I really can't get into the whole issue regarding the DH and all the testing that they do on him.  Let's leave it at that.  Way. Too. Complicated.......However, I will say only one thing that is a red herring right now with respect to his illness and genetic testing of various enzymes and pathways.....  When the DH was diagnosed, it was apparent from genetic testing that his body was deficient in an enzyme that helps the body process fatty acids.  Okay.  That's easy enough to understand.  Now here's where it gets muddy.  You can take TWO people, any two people who have the disorder.  They could be siblings or strangers.  Now, you would think that the individual who has LESS of the deficiency in the enzyme would have WORSE symptoms.  Nope!  There are some individuals who have MORE of the enzyme and STILL have WORSE symptoms than some individuals who have LESS of the enzyme.  So the takeaway message RIGHT NOW, that is until more research discovers how these enzymes work,  we are STILL far away from understanding EXACTLY how these enzymes and pathways work and where the understanding of pharmacogenomics works within that setting. Oy.

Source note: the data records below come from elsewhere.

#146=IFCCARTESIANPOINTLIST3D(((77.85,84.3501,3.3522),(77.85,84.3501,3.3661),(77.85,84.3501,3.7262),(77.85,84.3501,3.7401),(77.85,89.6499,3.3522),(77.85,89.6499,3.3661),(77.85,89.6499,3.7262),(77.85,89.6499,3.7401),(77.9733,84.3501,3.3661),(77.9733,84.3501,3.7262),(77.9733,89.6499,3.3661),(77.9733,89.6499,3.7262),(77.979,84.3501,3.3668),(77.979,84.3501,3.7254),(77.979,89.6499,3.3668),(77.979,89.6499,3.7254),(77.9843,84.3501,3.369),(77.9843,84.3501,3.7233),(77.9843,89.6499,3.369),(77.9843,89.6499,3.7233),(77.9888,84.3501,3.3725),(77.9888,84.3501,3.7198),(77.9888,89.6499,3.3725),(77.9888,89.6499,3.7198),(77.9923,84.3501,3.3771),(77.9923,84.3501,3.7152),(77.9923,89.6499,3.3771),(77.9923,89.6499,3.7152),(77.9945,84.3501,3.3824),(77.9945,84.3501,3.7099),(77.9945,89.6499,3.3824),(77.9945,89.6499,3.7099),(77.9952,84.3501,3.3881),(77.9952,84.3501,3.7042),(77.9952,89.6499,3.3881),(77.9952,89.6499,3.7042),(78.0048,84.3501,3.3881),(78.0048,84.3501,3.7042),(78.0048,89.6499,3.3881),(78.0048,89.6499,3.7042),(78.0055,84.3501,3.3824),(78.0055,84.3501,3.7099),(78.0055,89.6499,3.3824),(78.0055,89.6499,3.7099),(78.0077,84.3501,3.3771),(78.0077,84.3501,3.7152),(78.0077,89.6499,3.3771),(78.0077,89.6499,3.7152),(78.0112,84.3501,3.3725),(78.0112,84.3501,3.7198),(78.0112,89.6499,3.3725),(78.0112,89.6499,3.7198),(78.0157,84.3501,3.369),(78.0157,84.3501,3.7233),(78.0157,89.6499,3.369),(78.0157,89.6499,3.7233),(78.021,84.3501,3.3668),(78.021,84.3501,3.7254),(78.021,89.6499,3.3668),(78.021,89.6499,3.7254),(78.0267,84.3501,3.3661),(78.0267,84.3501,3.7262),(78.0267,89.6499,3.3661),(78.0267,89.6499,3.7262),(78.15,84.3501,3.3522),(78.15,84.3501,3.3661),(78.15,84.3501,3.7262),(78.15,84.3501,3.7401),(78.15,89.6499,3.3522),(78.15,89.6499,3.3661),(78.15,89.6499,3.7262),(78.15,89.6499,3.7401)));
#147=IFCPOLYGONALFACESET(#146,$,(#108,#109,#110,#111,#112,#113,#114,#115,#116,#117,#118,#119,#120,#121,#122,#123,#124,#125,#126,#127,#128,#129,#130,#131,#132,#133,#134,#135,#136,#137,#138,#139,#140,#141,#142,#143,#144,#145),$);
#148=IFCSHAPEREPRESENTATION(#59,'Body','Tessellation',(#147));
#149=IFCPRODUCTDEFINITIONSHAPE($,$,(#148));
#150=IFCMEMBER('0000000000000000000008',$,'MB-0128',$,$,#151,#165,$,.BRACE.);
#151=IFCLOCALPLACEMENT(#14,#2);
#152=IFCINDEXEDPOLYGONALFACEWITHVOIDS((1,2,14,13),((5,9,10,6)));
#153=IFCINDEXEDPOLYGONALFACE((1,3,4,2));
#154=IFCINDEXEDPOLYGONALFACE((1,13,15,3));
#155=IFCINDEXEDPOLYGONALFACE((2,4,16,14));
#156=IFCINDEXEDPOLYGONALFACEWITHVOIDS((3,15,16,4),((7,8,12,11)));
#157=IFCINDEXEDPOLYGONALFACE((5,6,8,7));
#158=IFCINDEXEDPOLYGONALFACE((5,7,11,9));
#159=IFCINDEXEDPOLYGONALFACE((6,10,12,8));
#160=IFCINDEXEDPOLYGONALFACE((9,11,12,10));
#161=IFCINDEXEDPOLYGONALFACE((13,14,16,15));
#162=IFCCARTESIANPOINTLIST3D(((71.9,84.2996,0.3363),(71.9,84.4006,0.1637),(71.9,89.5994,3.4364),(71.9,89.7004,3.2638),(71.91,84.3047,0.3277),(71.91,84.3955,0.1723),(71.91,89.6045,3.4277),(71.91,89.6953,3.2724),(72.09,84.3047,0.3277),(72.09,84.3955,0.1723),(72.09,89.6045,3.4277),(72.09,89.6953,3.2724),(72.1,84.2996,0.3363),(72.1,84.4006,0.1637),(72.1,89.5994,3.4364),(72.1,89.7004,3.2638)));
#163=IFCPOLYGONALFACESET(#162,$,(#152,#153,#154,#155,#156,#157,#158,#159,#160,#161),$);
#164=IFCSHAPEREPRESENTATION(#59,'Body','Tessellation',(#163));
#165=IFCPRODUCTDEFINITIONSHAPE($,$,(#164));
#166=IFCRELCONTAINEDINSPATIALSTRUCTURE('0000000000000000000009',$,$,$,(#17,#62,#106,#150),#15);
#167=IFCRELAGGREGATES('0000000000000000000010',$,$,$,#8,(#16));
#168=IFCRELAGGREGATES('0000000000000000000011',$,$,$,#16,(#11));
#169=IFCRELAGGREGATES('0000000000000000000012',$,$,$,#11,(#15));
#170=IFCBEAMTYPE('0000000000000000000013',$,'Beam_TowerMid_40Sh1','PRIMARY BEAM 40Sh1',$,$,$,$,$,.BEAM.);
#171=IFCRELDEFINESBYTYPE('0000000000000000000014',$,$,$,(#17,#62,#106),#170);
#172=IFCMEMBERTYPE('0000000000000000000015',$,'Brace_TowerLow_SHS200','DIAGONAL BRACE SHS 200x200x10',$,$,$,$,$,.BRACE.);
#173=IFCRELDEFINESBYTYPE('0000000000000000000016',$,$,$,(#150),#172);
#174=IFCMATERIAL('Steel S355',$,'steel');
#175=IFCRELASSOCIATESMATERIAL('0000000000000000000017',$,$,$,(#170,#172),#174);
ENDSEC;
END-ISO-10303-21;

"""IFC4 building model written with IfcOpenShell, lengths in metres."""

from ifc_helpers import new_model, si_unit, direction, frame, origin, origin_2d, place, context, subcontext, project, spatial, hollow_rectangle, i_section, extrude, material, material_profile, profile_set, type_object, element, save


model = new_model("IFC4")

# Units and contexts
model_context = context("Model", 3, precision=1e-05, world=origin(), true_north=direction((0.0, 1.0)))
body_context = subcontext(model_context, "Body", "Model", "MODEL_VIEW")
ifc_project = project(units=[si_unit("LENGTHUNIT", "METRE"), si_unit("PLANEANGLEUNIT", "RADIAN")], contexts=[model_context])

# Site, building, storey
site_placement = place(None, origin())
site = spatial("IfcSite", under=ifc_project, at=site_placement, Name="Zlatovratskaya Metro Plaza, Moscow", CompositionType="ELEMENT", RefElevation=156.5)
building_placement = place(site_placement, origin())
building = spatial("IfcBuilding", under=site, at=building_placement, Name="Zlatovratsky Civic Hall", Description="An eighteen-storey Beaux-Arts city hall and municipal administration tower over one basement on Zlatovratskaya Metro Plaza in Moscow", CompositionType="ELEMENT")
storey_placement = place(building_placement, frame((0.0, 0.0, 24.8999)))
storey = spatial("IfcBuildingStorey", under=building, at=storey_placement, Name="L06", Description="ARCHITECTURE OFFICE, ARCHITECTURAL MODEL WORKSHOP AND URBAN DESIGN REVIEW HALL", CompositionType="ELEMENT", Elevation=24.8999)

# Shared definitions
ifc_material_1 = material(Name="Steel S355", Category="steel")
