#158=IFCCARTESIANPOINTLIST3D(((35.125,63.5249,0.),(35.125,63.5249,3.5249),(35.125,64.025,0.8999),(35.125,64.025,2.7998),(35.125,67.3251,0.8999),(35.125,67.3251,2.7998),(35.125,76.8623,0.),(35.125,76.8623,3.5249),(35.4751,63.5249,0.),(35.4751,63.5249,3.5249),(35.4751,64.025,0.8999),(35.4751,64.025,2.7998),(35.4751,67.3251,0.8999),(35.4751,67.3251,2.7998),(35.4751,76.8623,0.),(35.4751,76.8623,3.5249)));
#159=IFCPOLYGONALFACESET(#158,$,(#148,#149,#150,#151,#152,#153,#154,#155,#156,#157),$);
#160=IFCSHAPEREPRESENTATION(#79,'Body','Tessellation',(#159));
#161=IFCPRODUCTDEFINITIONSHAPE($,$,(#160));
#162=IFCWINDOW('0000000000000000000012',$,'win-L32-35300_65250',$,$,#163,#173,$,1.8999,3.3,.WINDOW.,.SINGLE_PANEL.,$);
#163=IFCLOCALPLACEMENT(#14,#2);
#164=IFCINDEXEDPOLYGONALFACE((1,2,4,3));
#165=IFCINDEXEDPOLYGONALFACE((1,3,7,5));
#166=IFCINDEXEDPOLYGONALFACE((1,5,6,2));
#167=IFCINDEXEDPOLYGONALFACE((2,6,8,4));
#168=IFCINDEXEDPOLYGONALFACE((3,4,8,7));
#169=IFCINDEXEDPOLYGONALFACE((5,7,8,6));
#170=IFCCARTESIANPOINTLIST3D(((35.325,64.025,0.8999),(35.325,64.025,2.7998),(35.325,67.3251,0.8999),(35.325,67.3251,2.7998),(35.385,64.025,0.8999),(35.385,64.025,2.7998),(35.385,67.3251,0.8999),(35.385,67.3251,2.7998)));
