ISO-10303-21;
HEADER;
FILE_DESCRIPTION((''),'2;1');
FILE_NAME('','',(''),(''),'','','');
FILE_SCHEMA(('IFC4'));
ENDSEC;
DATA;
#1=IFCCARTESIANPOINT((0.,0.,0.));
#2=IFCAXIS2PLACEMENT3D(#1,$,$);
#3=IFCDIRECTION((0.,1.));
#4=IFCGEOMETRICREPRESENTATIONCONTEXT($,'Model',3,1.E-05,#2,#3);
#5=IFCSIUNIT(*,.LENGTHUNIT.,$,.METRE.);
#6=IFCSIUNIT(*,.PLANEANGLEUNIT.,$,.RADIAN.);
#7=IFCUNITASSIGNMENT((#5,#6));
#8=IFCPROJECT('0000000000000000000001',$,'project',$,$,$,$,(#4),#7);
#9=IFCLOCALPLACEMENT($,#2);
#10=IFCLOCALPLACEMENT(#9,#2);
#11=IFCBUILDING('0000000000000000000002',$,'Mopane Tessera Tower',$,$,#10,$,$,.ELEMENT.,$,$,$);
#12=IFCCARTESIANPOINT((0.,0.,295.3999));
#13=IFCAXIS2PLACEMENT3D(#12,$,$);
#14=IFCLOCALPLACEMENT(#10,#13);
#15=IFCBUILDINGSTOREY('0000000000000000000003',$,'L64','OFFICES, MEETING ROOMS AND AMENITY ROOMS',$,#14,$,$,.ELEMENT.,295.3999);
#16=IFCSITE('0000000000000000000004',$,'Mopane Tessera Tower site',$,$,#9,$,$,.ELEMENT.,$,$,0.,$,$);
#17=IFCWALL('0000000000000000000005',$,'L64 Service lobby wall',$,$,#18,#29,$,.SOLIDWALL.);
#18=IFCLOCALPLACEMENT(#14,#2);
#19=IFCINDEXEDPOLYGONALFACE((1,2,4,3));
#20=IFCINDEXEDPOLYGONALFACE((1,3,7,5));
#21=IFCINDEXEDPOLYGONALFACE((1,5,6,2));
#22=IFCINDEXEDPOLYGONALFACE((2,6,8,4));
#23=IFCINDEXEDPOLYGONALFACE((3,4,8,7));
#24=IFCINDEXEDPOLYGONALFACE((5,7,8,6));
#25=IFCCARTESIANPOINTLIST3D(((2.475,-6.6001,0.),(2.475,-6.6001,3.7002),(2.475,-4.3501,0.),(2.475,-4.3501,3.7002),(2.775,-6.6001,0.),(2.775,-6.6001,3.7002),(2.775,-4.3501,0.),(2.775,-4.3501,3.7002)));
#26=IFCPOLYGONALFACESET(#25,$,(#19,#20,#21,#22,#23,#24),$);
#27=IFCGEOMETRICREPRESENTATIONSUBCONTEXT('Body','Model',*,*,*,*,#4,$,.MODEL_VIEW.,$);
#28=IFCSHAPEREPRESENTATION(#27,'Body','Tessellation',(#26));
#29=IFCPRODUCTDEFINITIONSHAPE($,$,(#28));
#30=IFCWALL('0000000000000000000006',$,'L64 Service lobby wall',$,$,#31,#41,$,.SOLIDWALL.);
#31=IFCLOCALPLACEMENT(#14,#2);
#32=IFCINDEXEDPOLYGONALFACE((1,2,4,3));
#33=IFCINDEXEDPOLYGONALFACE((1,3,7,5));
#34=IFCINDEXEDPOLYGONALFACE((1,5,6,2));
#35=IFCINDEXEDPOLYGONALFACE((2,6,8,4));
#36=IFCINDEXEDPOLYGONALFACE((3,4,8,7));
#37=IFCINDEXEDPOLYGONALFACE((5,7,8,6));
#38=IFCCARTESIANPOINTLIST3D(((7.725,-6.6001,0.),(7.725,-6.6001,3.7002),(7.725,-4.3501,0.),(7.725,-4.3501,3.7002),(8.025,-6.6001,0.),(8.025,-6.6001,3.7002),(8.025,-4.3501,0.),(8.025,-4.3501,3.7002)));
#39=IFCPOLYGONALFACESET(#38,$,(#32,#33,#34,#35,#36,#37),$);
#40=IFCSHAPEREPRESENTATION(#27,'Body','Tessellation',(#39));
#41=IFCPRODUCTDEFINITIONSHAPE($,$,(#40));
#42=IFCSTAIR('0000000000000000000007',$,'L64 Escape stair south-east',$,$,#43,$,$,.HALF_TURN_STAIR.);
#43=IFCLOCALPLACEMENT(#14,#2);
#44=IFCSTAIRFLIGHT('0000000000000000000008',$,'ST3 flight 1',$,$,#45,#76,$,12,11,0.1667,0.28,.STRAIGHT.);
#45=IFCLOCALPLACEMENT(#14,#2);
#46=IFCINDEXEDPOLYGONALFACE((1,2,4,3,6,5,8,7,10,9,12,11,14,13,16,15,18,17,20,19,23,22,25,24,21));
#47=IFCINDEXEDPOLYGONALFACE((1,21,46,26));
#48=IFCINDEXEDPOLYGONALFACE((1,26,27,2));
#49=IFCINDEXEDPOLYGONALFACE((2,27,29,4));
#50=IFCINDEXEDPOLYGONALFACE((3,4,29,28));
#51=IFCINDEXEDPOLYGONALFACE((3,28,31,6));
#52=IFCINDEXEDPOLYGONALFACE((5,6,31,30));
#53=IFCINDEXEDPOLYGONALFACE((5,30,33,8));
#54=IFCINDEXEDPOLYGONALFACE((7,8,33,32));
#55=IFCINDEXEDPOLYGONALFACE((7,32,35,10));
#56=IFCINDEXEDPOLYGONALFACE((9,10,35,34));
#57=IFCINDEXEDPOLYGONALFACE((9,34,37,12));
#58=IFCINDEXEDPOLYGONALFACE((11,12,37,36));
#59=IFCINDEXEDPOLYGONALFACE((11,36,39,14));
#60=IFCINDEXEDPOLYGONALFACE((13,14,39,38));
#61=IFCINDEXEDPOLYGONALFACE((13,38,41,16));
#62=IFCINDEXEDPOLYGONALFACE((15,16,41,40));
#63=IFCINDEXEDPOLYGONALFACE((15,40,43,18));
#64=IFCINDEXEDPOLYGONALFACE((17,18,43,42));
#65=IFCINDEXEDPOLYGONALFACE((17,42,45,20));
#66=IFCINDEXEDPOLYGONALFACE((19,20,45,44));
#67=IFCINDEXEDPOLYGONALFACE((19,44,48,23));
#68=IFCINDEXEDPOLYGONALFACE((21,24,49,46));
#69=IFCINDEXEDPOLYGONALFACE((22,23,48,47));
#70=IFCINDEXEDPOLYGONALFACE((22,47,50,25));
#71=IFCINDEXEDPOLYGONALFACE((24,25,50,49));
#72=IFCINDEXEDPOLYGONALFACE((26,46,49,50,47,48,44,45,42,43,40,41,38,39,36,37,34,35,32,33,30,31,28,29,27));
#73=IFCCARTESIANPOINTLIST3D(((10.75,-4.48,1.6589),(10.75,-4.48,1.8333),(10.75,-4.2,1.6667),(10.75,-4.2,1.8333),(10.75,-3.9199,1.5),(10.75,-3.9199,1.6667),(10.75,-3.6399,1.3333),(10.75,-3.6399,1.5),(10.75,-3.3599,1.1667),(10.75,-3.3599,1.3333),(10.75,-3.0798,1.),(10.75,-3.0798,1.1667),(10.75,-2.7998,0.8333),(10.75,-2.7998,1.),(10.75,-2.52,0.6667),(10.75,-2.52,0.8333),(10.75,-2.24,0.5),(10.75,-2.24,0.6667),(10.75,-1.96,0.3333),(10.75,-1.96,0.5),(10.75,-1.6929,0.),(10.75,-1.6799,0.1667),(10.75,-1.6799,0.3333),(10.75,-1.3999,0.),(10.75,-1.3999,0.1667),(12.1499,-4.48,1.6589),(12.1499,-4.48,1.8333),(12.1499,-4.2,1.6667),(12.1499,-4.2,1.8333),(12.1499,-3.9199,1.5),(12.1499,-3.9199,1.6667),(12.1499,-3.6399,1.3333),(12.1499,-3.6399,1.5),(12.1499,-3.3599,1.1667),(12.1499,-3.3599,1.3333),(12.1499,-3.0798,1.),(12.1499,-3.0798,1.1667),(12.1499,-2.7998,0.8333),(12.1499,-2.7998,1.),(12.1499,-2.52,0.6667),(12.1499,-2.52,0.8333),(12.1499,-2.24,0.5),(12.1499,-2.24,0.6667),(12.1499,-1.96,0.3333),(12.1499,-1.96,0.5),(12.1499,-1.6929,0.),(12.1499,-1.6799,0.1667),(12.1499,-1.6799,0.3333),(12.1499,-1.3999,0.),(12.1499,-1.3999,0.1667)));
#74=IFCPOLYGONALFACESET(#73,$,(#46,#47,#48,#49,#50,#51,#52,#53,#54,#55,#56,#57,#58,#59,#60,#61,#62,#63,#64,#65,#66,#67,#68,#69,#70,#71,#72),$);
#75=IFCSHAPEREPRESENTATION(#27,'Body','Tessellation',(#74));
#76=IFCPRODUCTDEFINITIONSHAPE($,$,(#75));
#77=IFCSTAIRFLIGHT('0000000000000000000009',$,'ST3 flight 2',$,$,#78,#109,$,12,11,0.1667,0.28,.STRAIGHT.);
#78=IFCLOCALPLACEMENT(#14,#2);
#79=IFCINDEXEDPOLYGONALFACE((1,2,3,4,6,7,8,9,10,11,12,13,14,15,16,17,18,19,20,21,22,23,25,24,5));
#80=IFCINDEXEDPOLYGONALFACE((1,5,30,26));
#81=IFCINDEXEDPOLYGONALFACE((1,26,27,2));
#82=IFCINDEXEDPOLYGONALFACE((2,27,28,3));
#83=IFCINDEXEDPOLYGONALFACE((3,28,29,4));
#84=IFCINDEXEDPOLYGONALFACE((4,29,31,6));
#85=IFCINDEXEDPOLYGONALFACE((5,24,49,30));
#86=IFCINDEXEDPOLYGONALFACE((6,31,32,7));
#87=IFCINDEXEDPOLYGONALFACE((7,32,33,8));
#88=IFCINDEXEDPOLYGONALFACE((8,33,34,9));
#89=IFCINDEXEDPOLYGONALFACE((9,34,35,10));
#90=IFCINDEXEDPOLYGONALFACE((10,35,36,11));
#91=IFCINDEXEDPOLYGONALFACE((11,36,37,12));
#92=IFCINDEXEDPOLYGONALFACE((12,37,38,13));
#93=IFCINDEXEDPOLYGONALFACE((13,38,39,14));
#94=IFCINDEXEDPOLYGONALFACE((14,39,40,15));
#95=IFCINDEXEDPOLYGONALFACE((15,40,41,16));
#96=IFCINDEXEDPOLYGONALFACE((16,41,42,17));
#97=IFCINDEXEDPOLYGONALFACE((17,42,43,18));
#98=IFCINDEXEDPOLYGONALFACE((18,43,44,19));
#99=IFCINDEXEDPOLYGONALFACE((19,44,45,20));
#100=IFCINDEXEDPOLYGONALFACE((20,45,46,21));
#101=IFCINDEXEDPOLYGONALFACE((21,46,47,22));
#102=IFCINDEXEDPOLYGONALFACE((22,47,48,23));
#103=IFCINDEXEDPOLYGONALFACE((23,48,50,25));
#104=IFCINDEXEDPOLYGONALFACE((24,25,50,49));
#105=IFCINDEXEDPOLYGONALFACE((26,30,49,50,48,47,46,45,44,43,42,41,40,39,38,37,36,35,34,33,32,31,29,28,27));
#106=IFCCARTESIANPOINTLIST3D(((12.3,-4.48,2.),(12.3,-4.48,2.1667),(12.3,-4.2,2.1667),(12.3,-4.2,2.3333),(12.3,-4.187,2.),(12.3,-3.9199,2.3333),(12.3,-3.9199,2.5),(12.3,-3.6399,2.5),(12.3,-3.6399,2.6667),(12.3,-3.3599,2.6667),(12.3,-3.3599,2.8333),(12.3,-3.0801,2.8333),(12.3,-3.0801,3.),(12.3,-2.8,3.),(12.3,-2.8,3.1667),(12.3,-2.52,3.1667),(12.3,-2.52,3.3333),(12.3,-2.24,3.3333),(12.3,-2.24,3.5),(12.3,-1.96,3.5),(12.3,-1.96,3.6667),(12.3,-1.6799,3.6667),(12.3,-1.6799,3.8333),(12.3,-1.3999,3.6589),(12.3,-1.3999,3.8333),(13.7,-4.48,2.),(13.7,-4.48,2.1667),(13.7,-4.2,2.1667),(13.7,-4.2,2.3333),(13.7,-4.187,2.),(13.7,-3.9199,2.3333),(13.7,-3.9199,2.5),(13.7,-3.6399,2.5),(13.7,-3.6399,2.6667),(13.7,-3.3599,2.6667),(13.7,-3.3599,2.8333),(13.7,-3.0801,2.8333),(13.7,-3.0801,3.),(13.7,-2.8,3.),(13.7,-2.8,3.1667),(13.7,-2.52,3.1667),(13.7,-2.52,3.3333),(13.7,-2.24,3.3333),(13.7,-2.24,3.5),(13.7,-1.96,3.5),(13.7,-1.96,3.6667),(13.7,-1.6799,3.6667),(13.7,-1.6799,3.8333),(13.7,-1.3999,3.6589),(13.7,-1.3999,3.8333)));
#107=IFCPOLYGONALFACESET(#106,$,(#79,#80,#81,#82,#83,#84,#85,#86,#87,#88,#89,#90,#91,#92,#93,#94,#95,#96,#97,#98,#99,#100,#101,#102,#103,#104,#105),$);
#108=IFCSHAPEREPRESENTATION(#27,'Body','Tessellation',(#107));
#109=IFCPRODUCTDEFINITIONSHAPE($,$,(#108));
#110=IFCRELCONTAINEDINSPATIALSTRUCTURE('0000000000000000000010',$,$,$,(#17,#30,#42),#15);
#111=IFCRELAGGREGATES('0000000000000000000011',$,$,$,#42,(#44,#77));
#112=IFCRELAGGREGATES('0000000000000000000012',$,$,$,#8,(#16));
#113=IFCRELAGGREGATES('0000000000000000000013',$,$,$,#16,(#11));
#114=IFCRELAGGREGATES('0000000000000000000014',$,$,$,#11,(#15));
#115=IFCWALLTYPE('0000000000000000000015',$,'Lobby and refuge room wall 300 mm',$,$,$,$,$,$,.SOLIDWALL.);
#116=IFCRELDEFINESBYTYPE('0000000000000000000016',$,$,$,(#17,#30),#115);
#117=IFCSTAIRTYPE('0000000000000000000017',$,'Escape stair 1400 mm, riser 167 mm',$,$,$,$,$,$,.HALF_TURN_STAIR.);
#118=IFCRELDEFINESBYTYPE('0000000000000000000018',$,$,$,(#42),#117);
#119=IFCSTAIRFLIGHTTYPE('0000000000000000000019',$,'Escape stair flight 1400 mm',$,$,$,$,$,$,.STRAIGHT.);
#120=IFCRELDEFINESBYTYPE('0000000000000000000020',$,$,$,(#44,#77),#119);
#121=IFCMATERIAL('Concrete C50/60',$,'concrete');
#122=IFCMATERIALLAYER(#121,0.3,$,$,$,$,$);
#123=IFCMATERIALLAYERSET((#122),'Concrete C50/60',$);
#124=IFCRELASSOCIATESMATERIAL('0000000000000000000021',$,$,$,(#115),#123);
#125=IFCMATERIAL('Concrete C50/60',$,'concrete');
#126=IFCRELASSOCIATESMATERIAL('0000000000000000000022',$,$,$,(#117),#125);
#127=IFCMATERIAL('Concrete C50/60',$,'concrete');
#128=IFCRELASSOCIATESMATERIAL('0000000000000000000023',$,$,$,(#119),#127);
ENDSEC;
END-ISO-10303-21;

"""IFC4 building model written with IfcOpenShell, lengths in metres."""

from ifc_helpers import new_model, si_unit, direction, frame, frame_2d, origin, place, context, subcontext, project, spatial, polyline, rectangle, outline, extrude, material, layer, layer_set, type_object, element, aggregate, save


model = new_model("IFC4")

# Units and contexts
model_context = context("Model", 3, precision=1e-05, world=origin(), true_north=direction((0.0, 1.0)))
body_context = subcontext(model_context, "Body", "Model", "MODEL_VIEW")
ifc_project = project(units=[si_unit("LENGTHUNIT", "METRE"), si_unit("PLANEANGLEUNIT", "RADIAN")], contexts=[model_context])

# Site, building, storey
site_placement = place(None, origin())
site = spatial("IfcSite", under=ifc_project, at=site_placement, Name="Mopane Tessera Tower site", CompositionType="ELEMENT", RefElevation=0.0)
building_placement = place(site_placement, origin())
building = spatial("IfcBuilding", under=site, at=building_placement, Name="Mopane Tessera Tower", CompositionType="ELEMENT")
storey_placement = place(building_placement, frame((0.0, 0.0, 295.3999)))
storey = spatial("IfcBuildingStorey", under=building, at=storey_placement, Name="L64", Description="OFFICES, MEETING ROOMS AND AMENITY ROOMS", CompositionType="ELEMENT", Elevation=295.3999)

# Walls
ifc_material_1 = material(Name="Concrete C50/60", Category="concrete")
ifc_layer_1 = layer(ifc_material_1, 0.3)
ifc_layer_set_1 = layer_set([ifc_layer_1], Name="Concrete C50/60")
wall_type_1 = type_object("IfcWallType", Name="Lobby and refuge room wall 300 mm", PredefinedType="SOLIDWALL", material=ifc_layer_set_1)
for number, where, z_axis, x_axis, name in (
    (1, (2.625, -6.6001, 0.0), (0.0, 0.0, 1.0), (0.0, 1.0, 0.0), "L64 Service lobby wall"),
    (2, (7.875, -6.6001, 0.0), (0.0, 0.0, 1.0), (0.0, 1.0, 0.0), "L64 Service lobby wall"),
):
    element("IfcWall", number, at=place(storey_placement, frame(where, z_axis=z_axis, x_axis=x_axis)), inside=storey, type_object=wall_type_1, Name=name, PredefinedType="SOLIDWALL", context=body_context, shape_type="SweptSolid", body=[
        extrude(rectangle(XDim=2.25, YDim=0.3, at=frame_2d((1.125, 0.0))), origin(), (0.0, 0.0, 1.0), 3.7002),
    ])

For a wonderful understanding about the future of medicine, if you haven't read Eric Topol, MD's The Creative Destruction of Medicine, I STRONGLY recommend that his book be read.  He devotes much of the book to pharmacogenomics....

http://www.amazon.com/The-Creative-Destruction-Medicine-Revolution/dp/0465025501

Because of the scheduled Thyroidectomy tomorrow, I'm not sure when I'll be back. Could be a couple of hours. Could be days. When I posted two days ago the counter was 1,033 it's now at 1,524. That's significant for BCO. 

Methinks, for myself to read  VR's links with any serious ability to retain info is going to be impaired. Putting the potential patholgy results at bay has been difficult. The indicators are there. Actually, the discussion here has helped. 

For those viewing the thread, please, read, VR's linked material. Register at YouScript, use dailymed.nlm or PDR, or any other drug site that lists the metabolism and hand chart your drugs.  Learn what you can. Initially, the CYP450 system seems overwhelming. But there only six major drug pathways. Learning six is different than learning dozens. The more you repeat 2D6, 2C9, 2C19, 3A4, 3A5, VKORC1. The more they will become solid in your use  and understanding of them as you read. 

Understanding that each of the 6 can have abnormalities in metabolism is easy at this point. Knowing that the greatest percentages of abnormalities in the population are in the 2's. The 3's are far less common in the general population. The percentages related to abnormalities in the population will change as more people are tested.  Now those population percentages are based on statistical models.

It does get easier to understand Once you have an understanding, then you can decide if you want to push for testing.  Now you depend on your doc to say whether you should be tested. You are taking it on blind faith that they know what they are talking about. Your health and life may depend on your own advocacy sassy

Good luck Sassy!  Hope everything goes smoothly and you are back online soon!